45Nach der für Grundstücke, deren Wert im Ertragswertverfahren zu ermitteln ist, im besonderen geltenden Vorschrift des § 33 Abs. 1 Satz 3 Nr. 2 GrStG können auch Ertragsminderungen, die auf einer Veränderung der allgemeinen wirtschaftlichen Verhältnisse (Wertverhältnisse i.S. von § 27 BewG) beruhen, nicht zu einem Grundsteuererlass führen, weil diese bei einer Hauptfeststellung zu berücksichtigen wären. Umständen, die den normalen Rohertrag mindern und als solche für den Einheitswert erheblich sind, soll im Rahmen der Einheitsbewertung und nicht im Wege des Steuererlasses Rechnung getragen werden. Vermindert sich der normale Rohertrag wegen Veränderungen der allgemeinen wirtschaftlichen Verhältnisse, wird dies erst bei der nächsten Hauptfeststellung (§ 21 BewG) erfasst und wirkt sich bis dahin auf die Erhebung der Grundsteuer nicht aus.

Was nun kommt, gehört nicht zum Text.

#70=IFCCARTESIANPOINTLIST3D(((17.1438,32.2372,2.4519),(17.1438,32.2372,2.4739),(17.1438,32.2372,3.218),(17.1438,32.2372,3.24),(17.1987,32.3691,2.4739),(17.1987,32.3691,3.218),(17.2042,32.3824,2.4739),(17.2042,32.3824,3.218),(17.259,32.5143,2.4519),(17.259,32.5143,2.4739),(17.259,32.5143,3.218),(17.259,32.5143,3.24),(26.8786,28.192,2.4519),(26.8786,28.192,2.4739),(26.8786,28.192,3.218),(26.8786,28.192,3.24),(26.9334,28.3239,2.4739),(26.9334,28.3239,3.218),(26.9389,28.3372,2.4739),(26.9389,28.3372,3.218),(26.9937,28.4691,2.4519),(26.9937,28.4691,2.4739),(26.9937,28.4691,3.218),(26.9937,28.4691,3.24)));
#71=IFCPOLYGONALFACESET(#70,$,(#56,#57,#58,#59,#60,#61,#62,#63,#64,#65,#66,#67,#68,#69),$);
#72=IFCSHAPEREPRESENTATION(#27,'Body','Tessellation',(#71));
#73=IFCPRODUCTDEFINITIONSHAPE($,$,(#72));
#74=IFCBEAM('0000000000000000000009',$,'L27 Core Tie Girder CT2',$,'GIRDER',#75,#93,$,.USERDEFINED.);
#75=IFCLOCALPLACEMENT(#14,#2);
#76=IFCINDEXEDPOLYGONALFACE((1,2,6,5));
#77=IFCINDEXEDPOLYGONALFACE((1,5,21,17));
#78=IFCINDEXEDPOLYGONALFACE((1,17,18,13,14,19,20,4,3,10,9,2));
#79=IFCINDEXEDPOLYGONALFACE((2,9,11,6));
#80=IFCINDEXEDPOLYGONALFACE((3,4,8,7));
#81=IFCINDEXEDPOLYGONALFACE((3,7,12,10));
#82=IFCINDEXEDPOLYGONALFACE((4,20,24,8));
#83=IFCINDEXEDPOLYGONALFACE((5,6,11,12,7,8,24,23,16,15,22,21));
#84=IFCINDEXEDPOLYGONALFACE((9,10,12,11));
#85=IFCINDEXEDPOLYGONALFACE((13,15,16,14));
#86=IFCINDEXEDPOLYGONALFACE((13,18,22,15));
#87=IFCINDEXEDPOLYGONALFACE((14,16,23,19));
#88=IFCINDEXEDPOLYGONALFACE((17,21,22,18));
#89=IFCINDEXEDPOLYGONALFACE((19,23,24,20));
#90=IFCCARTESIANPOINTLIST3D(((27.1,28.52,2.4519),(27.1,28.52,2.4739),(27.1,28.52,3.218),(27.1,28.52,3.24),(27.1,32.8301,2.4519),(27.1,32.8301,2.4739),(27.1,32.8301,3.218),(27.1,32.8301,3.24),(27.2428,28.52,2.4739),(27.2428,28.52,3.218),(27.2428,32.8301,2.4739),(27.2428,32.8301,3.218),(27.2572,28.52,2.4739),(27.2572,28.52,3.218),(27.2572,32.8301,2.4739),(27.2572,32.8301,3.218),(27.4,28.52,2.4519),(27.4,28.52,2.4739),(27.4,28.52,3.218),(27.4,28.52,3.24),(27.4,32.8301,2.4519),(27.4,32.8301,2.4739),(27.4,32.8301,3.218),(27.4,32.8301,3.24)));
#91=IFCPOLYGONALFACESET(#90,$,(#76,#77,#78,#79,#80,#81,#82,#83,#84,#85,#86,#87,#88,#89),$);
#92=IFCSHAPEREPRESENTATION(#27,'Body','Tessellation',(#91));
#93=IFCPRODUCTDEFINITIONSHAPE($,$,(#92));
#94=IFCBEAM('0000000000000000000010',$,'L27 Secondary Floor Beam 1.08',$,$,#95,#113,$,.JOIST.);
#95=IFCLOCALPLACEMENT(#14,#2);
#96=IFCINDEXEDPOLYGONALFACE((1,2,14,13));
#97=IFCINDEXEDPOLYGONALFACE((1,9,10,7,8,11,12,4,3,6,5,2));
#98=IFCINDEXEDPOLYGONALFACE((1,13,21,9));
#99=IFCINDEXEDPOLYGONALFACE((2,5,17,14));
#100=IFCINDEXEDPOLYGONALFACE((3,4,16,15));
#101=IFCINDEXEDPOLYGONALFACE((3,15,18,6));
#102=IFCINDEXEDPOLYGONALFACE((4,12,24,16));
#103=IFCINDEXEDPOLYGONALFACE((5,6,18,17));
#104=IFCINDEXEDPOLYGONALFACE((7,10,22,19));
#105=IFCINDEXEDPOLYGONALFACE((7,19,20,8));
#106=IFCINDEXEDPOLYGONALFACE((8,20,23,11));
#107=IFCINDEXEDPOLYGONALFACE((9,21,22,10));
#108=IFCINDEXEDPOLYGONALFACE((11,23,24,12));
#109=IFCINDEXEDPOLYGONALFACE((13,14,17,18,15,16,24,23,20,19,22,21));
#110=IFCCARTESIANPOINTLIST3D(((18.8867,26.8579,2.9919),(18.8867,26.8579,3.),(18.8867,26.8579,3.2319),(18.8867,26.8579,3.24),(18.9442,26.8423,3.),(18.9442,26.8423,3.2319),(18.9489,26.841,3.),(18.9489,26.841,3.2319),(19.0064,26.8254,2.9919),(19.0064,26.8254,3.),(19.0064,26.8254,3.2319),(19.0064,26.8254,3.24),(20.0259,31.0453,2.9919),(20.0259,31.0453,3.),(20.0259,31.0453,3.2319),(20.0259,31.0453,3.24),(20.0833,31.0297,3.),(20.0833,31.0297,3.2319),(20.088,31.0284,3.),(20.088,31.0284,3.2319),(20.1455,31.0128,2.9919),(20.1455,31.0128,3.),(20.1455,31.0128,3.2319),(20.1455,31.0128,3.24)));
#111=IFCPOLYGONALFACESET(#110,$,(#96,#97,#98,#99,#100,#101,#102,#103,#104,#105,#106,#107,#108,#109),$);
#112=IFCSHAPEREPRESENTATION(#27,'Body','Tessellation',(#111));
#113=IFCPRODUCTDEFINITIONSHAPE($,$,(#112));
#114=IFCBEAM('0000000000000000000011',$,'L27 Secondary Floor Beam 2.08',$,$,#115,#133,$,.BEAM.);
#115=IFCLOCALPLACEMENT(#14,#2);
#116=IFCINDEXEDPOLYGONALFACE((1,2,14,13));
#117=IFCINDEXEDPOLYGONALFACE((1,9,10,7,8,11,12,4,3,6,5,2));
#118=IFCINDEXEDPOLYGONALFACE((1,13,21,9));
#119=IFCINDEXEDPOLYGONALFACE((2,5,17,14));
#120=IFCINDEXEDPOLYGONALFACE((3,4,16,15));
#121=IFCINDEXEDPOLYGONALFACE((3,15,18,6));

Damit trägt der Gesetzgeber zum einen dem Umstand Rechnung, dass derartige Veränderungen im Grundsatz alle Vermieter in vergleichbarer Weise treffen und deshalb unter dem Aspekt einer korrekturbedürftigen Sonderbelastung des Einzelnen kein Anlass für einen Grundsteuererlass besteht. Zum anderen kann von Veränderungen der allgemeinen wirtschaftlichen Verhältnisse im Sinne des Bewertungsrechts nur bei nachhaltigen, länger andauernden Veränderungen der Wertverhältnisse die Rede sein. Im Interesse der Stetigkeit und Gleichmäßigkeit der Grundsteuererhebung bleiben Veränderungen der Wertverhältnisse unberücksichtigt, die zwischen den Hauptfeststellungen eintreten. Aus der Einordnung des Grundsteuererlasses in die Systematik des Bewertungsrechts ergibt sich, dass ein Grundsteuererlass vorübergehenden Mietausfällen aufgrund außergewöhnlicher Umstände des Einzelfalls vorbehalten ist. Diese Entscheidung des Gesetzgebers ist in sich schlüssig und plausibel und weist keine durch ergänzende Auslegung zu korrigierenden Fehlgewichtungen auf,
46vgl. zum Vorstehenden BverwG, Urteil vom 4. April 2001, DVBl 2001, 1368.
47Diese Ausführungen stehen auch im Einklang mit den Anforderungen, die an die Voraussetzungen für einen Erlass nach §§ 163, 227 AO aus sachlichen Billigkeitsgründen gestellt werden. Auch im Rahmen dieser Normen ist die Möglichkeit eines Erlasses auf atypische Einzelfälle beschränkt.
48Die Kostenentscheidung beruht auf § 154 Abs. 1. Die Entscheidung über die vorläufige Vollstreckbarkeit folgt aus §§ 167, 708 Nr. 11, 711 ZPO.